Customizing an MT engine to produce “near-human” output quality levels is possible and there are many proof points where raw MT output has been able to produce 50% or more of the MT translated segments requiring no editing at all - i.e. they were “perfect”, with many of the remaining segments having minor issues that could be quickly edited. A fully customized MT engine built on the Clean Data SMT approach consistently deliver 150%-300% (sometimes even greater) productivity gains. The long-term ROI impact is clear relative to the meager productivity that instant MT approaches sometimes produce. 

MT in 2013 is still a complex affair that requires deep expertise and collaboration with experts if your intention to build long-term business leverage through more efficient translation production processes. There is no advantage to a system that any of your competitors could create instantly and there is no value or business advantage to just dabbling with MT.

“When conceiving the idea of Moses, the primary goal was to foster research and advance the state of MT in academia by providing a de facto base from which to innovate from.

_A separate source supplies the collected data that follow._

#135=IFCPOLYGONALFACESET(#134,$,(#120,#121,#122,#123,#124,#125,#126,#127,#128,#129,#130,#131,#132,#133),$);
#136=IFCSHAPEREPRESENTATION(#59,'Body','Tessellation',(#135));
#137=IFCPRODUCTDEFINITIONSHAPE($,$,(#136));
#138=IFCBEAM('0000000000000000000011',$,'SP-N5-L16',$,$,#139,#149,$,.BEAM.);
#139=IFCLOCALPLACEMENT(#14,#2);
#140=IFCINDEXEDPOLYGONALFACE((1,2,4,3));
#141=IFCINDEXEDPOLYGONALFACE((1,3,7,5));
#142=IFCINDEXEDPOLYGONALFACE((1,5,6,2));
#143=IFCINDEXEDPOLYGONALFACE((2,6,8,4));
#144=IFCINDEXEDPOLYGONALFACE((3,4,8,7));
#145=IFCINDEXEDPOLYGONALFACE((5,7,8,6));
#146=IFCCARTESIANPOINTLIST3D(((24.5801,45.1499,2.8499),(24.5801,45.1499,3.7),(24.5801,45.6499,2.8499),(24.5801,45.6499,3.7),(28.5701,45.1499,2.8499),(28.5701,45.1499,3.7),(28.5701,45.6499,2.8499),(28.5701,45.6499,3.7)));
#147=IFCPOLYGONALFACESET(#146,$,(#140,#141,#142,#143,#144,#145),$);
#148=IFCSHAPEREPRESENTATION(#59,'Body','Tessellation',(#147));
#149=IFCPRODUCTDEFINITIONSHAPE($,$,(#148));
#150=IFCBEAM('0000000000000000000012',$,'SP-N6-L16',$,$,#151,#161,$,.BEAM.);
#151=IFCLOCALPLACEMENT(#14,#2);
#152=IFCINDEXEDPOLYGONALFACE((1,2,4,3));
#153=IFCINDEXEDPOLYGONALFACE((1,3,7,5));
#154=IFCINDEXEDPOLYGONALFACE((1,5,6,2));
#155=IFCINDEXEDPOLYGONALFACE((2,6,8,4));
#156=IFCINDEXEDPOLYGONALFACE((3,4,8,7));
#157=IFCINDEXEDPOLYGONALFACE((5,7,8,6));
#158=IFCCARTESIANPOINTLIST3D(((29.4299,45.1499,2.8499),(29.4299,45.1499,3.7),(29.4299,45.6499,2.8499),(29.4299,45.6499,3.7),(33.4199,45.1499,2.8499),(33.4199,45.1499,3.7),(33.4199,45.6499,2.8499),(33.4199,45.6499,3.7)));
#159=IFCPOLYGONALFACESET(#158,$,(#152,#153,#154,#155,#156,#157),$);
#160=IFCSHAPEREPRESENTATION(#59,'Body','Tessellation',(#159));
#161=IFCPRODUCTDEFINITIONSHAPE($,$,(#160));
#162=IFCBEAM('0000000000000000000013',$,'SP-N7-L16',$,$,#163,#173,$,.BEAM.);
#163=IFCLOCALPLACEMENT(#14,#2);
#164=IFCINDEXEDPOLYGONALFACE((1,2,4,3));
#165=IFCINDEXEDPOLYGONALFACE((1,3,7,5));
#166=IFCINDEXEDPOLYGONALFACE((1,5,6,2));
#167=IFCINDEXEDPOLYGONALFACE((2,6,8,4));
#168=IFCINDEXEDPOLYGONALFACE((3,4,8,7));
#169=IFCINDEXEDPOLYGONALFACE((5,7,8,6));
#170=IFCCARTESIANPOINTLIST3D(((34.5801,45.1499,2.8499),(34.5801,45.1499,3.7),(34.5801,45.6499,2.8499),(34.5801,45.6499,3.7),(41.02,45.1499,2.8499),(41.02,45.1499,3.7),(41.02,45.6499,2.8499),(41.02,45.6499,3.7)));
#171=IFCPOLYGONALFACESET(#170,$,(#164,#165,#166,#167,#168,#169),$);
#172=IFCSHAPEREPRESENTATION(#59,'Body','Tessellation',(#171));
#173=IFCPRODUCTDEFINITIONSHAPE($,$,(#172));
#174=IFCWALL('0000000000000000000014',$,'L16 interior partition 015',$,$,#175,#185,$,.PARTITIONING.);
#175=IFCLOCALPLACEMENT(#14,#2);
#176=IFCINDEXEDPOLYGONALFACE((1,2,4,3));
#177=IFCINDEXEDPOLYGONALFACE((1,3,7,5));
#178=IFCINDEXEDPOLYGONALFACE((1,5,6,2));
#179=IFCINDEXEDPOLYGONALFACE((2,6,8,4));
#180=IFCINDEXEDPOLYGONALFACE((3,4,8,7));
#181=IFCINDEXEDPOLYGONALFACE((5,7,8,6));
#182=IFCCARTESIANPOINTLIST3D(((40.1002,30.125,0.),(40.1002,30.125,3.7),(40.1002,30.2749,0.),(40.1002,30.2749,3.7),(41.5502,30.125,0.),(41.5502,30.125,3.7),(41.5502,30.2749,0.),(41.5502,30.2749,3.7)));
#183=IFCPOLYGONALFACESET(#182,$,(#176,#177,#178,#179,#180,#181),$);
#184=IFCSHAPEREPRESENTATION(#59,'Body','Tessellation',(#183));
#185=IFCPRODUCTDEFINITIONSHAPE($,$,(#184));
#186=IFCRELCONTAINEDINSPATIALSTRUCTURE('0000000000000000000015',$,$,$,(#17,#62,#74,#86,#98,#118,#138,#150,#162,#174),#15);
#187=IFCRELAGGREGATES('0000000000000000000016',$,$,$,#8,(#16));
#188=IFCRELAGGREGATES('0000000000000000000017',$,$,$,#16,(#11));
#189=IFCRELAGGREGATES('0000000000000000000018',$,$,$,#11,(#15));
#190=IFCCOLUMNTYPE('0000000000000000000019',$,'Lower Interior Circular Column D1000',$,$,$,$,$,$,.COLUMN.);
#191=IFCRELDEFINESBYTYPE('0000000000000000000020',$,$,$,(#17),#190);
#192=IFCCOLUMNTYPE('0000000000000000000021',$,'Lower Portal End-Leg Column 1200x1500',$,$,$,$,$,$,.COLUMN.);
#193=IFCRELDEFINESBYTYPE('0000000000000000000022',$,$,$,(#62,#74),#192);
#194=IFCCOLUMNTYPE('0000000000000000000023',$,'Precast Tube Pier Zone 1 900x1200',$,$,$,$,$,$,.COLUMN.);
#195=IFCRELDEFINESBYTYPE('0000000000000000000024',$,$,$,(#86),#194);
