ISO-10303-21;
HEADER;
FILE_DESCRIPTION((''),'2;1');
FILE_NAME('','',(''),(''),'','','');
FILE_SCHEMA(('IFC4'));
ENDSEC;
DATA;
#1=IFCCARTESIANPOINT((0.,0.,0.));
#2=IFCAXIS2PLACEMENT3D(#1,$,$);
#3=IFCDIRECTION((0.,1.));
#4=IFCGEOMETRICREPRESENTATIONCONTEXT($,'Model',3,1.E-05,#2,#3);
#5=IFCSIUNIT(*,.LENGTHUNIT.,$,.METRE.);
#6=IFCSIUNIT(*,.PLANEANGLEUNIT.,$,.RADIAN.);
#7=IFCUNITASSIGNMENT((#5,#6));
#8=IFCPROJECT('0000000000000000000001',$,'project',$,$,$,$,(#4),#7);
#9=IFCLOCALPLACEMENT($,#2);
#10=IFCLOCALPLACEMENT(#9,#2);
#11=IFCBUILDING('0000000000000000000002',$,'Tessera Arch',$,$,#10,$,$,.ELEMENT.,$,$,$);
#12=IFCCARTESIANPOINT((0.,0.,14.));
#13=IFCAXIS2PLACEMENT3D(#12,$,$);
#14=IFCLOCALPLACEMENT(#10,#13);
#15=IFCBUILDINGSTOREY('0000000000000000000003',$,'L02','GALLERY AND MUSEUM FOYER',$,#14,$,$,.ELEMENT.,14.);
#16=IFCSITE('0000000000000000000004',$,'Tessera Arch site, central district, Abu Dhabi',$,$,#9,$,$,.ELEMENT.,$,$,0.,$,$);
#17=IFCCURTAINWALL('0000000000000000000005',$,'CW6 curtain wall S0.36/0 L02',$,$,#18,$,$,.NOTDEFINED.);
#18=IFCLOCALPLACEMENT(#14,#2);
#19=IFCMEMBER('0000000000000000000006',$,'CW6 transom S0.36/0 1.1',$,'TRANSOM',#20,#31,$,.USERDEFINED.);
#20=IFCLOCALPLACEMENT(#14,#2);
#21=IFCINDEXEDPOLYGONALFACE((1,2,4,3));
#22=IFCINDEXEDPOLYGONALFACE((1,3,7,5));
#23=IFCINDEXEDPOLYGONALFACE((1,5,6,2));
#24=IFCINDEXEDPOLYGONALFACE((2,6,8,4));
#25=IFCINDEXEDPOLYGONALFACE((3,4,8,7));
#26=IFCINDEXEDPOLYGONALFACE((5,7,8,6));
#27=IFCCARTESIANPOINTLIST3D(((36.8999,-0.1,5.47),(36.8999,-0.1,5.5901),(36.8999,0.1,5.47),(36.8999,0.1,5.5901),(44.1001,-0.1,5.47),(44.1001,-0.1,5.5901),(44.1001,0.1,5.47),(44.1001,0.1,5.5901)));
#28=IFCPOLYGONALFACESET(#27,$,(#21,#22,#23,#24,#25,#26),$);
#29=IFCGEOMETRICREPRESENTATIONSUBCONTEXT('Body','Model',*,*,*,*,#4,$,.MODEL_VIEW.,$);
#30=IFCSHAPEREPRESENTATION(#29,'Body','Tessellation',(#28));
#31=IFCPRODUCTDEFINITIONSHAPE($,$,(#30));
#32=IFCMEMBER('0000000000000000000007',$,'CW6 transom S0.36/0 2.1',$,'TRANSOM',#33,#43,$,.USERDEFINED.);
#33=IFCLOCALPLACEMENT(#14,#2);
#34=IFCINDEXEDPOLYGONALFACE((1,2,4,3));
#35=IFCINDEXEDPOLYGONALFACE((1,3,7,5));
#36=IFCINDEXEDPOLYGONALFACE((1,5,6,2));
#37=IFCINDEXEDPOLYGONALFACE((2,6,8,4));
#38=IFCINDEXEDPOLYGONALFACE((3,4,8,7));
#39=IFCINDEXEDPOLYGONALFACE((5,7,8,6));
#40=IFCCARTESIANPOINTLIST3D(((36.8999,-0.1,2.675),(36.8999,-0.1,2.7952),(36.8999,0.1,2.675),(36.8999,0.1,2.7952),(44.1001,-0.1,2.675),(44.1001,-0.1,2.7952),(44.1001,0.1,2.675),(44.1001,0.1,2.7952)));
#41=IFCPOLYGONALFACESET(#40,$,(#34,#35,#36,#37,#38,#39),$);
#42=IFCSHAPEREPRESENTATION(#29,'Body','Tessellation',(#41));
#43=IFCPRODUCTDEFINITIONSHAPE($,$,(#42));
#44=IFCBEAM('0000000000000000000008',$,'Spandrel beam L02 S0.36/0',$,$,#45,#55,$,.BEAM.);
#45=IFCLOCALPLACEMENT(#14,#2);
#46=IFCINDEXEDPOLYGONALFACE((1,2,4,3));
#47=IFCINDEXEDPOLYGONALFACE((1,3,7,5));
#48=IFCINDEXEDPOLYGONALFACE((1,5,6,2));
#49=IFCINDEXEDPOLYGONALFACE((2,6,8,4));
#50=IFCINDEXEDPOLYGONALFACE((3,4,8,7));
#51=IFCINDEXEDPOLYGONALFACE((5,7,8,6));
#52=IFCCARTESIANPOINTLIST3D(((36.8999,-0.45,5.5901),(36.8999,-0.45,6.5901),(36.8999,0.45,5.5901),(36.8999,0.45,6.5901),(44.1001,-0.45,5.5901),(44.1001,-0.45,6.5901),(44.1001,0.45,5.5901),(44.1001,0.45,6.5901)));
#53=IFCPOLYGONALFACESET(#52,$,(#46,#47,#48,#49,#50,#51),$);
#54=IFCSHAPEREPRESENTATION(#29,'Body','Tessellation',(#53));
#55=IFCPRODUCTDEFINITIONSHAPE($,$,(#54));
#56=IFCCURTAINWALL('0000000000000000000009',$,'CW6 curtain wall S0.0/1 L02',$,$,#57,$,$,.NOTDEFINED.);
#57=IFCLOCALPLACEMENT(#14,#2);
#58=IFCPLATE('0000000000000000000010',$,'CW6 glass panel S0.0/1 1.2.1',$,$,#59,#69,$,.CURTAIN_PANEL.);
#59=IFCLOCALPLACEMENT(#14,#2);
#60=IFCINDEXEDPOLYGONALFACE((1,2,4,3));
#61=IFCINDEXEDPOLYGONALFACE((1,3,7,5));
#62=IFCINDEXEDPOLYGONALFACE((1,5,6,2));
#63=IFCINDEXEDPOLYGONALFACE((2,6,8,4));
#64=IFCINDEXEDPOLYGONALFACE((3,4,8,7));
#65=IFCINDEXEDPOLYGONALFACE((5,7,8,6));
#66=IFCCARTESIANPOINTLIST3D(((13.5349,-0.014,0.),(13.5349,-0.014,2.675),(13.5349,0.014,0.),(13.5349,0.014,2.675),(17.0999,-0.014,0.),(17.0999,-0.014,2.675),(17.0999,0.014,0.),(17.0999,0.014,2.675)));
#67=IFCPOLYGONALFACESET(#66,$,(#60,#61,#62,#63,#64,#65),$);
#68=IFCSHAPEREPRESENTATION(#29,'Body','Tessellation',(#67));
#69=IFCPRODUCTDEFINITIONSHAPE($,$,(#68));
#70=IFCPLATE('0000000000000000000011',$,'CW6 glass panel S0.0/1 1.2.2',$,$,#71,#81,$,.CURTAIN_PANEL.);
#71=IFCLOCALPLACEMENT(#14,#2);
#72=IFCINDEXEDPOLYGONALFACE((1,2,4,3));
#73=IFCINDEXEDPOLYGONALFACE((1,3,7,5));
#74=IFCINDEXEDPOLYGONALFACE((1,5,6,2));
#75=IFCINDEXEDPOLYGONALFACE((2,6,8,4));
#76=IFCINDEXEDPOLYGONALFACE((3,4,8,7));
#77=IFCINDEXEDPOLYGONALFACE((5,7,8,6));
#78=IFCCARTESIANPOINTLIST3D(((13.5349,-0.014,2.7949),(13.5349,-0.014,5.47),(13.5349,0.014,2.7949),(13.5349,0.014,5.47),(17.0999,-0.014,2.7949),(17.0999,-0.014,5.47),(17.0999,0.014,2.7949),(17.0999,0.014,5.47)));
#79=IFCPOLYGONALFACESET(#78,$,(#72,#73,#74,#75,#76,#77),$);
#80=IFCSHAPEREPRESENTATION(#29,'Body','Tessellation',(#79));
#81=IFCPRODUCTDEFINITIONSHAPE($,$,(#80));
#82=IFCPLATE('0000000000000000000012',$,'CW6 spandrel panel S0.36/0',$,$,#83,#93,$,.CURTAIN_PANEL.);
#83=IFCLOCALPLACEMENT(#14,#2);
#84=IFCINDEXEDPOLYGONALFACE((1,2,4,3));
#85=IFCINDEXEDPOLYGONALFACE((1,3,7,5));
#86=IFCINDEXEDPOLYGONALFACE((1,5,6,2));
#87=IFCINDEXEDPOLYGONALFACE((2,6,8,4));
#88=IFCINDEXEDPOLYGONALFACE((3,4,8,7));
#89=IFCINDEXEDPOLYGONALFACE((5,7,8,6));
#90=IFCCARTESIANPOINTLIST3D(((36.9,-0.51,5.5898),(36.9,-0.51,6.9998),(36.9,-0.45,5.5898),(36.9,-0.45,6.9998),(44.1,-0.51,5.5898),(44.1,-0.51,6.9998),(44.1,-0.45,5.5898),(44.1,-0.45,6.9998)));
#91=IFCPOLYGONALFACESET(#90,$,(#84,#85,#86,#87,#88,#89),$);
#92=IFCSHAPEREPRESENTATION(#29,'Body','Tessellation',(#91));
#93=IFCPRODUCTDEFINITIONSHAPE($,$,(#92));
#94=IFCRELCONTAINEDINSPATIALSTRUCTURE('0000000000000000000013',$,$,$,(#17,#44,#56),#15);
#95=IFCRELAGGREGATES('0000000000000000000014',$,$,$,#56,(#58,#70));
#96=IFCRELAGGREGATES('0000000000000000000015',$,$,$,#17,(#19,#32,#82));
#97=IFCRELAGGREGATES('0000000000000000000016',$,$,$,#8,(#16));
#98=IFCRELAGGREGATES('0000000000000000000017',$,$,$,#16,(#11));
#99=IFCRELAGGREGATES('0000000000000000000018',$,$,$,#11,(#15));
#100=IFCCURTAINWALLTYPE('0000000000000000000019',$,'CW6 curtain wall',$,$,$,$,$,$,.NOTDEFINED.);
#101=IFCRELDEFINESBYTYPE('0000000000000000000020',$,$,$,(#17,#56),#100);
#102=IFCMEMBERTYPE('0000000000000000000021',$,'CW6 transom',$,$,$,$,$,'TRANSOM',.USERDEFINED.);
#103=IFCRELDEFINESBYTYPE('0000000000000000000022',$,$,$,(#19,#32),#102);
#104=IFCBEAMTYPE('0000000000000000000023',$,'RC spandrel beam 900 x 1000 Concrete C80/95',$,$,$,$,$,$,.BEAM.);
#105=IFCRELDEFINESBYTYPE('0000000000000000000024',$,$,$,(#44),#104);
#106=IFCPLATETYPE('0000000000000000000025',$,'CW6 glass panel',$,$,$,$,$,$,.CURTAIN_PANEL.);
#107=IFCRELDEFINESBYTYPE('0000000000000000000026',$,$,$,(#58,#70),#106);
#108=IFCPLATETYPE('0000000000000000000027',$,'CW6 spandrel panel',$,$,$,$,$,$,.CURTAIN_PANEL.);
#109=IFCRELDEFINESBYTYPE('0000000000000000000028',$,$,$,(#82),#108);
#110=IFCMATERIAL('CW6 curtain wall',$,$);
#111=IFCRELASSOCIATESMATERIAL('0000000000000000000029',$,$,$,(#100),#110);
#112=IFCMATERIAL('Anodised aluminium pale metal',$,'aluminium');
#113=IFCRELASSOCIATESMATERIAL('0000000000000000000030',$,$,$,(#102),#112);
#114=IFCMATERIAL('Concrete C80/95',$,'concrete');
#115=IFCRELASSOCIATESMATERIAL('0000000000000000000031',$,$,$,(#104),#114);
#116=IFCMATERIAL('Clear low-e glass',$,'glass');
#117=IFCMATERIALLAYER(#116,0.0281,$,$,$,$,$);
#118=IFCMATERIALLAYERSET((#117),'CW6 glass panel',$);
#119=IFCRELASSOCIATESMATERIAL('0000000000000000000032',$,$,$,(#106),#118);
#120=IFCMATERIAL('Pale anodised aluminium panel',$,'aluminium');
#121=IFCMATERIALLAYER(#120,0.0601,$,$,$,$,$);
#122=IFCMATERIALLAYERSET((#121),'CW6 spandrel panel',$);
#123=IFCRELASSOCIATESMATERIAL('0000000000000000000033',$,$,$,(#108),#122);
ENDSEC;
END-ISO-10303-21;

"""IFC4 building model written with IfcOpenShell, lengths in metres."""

from ifc_helpers import new_model, si_unit, direction, frame, origin, origin_2d, place, context, subcontext, project, spatial, rectangle, extrude, material, layer, layer_set, material_profile, profile_set, type_object, element, aggregate, save


model = new_model("IFC4")

# Units and contexts
model_context = context("Model", 3, precision=1e-05, world=origin(), true_north=direction((0.0, 1.0)))
body_context = subcontext(model_context, "Body", "Model", "MODEL_VIEW")
ifc_project = project(units=[si_unit("LENGTHUNIT", "METRE"), si_unit("PLANEANGLEUNIT", "RADIAN")], contexts=[model_context])

# Site, building, storey
site_placement = place(None, origin())
site = spatial("IfcSite", under=ifc_project, at=site_placement, Name="Tessera Arch site, central district, Abu Dhabi", CompositionType="ELEMENT", RefElevation=0.0)
building_placement = place(site_placement, origin())
building = spatial("IfcBuilding", under=site, at=building_placement, Name="Tessera Arch", CompositionType="ELEMENT")
storey_placement = place(building_placement, frame((0.0, 0.0, 14.0)))
storey = spatial("IfcBuildingStorey", under=building, at=storey_placement, Name="L02", Description="GALLERY AND MUSEUM FOYER", CompositionType="ELEMENT", Elevation=14.0)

Currently the vast majority of interesting MT research and advancements still takes place in academia. Without open source toolkits such as Moses, all the exciting work would be done by the Google’s and Microsoft’s of the world, as is the case in related fields such as information retrieval or automatic speech recognition
Philipp Koehn

As a platform for academic research, Moses provides a strong foundation. However, Moses was not intended to be a commercial MT offering. There are considerable amounts of additional functionality, beyond providing a web based user interface for Moses, that are not included in Moses that are essential in order to offer a strong and innovative commercial MT platform. “ 
Professor Philipp Koehn, University of Edinburgh, Chief Scientist, Asia Online

Addendum: This post triggered a strong reaction from Manual Herranz at Pangeanic and I am including a response I made on his blog in case it does not make it through the approval process there. 

My primary point in my blog posting is that expertise, long-term experience and a real understanding of how the technology works is necessary and critical to get the best results. Most DIY users do not have these characteristics and thus are very likely to get much lower quality results. Pointing this out, to my mind is not equivalent to "bad mouthing competition",  I am simply comparing approaches and pointing out the value implications.

Also, while I claim that expertise does matter, I do not suggest that Asia Online is the only company with this expertise. There are several other MT experts including RbMT developers like Systran and a specialist like Tayou in Spain.

I do believe that  MT technology is complex enough that it does require specialization, and that developing real competence with MT is difficult enough that it is unlikely to be successfully done by a company  whose primary business is being a translation agency. It is clear that you disagree.  I am also pointing out that the value received by a customer is very likely to be lower for a DIY user. I can understand that you may have a different opinion to mine and assure you that my observations are not borne of virulence.

Historically we saw many LSPs develop their own TMS systems too, but most people in the industry would concede that  the best TMS systems have come from companies that focus and specialize in the development of these tools e.g. MemoQ, Memsource, Across, XTM etc.. We have also seen the SDL acquisitions of software companies like Idiom, LW and Trados result in what most perceive as reduced customer responsiveness, quality and commitment to these products. Buying critical production infrastructure from a competitor generally does not make sense in any industry and thus we have seen the momentum slow down on all the SDL software acquisitions. IMO Specialization matters and with technology this complex, one will get the best results using technology developed and managed by specialists for the foreseeable future.

Anyway, I wish you peace and health.